Please allow the remark regarding the patch description that in
our kernel CONFIG_X86_5LEVEL is not set. The patch helps anyway :-)

Thanks again and best regards

Ulrich

-- 
|-----------------------------------------------------------------------
| Ulrich Gemkow
| University of Stuttgart
| Institute of Communication Networks and Computer Engineering (IKR)
|-----------------------------------------------------------------------

Re: Regression for PXE boot from patch "Remove the 'bugger off' message" in stable 6.6.18

[Ard Biesheuvel]

On Thu, 6 Mar 2025 at 17:50, Ulrich Gemkow
<ulrich.gemkow@ikr.uni-stuttgart.de> wrote:
>
> On Thursday 06 March 2025, Ard Biesheuvel wrote:
> > On Thu, 6 Mar 2025 at 16:23, H. Peter Anvin <hpa@zytor.com> wrote:
> > >
> > > On March 6, 2025 6:44:11 AM PST, Ard Biesheuvel <ardb@kernel.org> wrote:
> > > >On Thu, 6 Mar 2025 at 15:39, H. Peter Anvin <hpa@zytor.com> wrote:
> > > >>
> > > >> On March 6, 2025 6:36:04 AM PST, Ard Biesheuvel <ardb@kernel.org> wrote:
> > > >> >(cc Peter)
> > > >> >
> > > >> >
> > > >> >I managed to track this down to a bug in syslinux, fixed by the hunk
> > > >> >below. The problem is that syslinux violates the x86 boot protocol,
> > > >> >which stipulates that the setup header (starting at 0x1f1 bytes into
> > > >> >the bzImage) must be copied into a zeroed boot_params structure, but
> > > >> >it also copies the preceding bytes, which could be any value, as they
> > > >> >overlap with the PE/COFF header or other header data. This produces a
> > > >> >command line pointer with garbage in the top 32 bits, resulting in an
> > > >> >early crash.
> > > >> >
> > ...
> > > >>
> > > >> Interesting.
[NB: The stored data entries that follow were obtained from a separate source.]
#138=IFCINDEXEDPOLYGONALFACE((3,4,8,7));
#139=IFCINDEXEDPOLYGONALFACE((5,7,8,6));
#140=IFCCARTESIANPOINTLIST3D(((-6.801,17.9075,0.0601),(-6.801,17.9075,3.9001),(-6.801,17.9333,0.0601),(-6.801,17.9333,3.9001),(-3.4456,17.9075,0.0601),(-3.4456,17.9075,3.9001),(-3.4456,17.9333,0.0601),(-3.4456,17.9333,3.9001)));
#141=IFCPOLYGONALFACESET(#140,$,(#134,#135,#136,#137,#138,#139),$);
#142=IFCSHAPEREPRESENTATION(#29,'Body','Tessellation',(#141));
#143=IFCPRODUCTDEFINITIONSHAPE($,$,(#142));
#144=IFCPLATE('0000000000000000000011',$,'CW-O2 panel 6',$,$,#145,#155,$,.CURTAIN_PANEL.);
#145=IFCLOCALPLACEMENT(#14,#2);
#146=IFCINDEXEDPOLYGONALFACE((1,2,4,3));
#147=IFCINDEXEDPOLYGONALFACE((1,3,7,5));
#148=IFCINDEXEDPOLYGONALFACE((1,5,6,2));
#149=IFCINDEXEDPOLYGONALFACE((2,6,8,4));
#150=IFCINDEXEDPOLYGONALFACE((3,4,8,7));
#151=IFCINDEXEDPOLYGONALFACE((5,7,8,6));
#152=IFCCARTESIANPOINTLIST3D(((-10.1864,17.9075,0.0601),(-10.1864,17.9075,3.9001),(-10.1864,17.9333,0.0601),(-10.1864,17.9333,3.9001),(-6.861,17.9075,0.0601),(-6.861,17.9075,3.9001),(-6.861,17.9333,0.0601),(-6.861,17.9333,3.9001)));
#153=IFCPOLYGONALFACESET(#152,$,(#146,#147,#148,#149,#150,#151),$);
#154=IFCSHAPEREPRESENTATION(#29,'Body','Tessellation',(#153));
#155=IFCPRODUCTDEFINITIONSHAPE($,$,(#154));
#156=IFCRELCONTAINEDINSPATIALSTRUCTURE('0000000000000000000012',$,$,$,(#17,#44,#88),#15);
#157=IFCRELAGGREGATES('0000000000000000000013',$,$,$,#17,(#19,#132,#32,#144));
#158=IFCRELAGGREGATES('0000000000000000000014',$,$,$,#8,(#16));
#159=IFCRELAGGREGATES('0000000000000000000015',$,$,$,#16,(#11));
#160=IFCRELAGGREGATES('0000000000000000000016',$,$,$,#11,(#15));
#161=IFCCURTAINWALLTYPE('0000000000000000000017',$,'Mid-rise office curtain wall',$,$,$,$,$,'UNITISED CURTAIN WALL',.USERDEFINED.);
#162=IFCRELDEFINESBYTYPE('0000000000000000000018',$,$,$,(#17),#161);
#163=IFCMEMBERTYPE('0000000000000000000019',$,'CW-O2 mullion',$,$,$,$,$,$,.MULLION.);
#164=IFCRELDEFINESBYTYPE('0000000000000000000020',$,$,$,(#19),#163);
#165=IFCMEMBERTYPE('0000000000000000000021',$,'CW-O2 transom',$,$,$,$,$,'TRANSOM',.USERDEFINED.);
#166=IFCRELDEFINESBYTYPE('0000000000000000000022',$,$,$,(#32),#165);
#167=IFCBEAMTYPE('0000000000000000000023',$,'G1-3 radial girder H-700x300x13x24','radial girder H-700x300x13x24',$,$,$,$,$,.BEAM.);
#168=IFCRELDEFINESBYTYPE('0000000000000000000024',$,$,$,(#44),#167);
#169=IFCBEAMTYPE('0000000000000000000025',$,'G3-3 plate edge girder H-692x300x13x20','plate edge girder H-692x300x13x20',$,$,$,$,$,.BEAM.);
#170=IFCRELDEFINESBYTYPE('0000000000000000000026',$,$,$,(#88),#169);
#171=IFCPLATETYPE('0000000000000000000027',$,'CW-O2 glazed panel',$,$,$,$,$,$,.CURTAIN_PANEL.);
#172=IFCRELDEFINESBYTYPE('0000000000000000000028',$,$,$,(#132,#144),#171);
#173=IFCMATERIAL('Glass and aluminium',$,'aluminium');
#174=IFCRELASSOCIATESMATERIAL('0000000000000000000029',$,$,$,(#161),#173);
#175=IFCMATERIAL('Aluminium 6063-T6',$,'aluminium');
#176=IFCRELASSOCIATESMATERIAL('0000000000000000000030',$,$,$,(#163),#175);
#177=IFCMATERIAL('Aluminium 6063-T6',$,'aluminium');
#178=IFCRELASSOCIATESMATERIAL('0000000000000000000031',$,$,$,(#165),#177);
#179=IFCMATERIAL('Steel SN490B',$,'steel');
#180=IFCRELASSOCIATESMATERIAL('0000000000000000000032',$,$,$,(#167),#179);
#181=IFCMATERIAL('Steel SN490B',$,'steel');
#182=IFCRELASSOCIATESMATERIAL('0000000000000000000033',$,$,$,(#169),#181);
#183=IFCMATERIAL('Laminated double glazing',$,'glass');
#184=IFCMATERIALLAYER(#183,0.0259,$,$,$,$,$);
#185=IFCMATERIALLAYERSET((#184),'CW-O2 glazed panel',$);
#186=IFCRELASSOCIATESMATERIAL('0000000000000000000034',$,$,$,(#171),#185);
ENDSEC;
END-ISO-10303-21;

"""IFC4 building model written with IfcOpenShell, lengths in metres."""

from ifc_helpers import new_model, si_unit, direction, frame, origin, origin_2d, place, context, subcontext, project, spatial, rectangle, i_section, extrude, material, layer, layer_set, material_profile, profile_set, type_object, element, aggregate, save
Embarrassing, first of all :) but also interesting, because this is exactly why we have the "sentinel" field at 0x1f0 to catch *this specific error* and work around it.
> > > >
> > > >We're crashing way earlier than the sentinel check - the bogus command
> > > >line pointer is dereferenced via
> > > >
> > > >startup_64()
> > > >  configure_5level_paging()
> > > >    cmdline_find_option_bool()
> > > >
> > > >whereas sanitize_bootparams() is only called much later, from extract_kernel().
> > >
> > > That is a bug in the kernel then. The whole point of the sentinel check is that it needs to be done before any of the fields touched by the sentinel check are accessed.
> >
> > Indeed - I have just sent out a fix for this.
> >
>
> Hello Ard,
>
> thanks for the patch! It does not apply cleanly to 6.6.80 (the includes
> are different) so I applied it manually and it helps - the systems boots.
>
> Please allow the remark regarding the patch description that in
> our kernel CONFIG_X86_5LEVEL is not set. The patch helps anyway :-)
>
> Thanks again and best regards
>

Thanks for testing. I will take this as a Tested-by.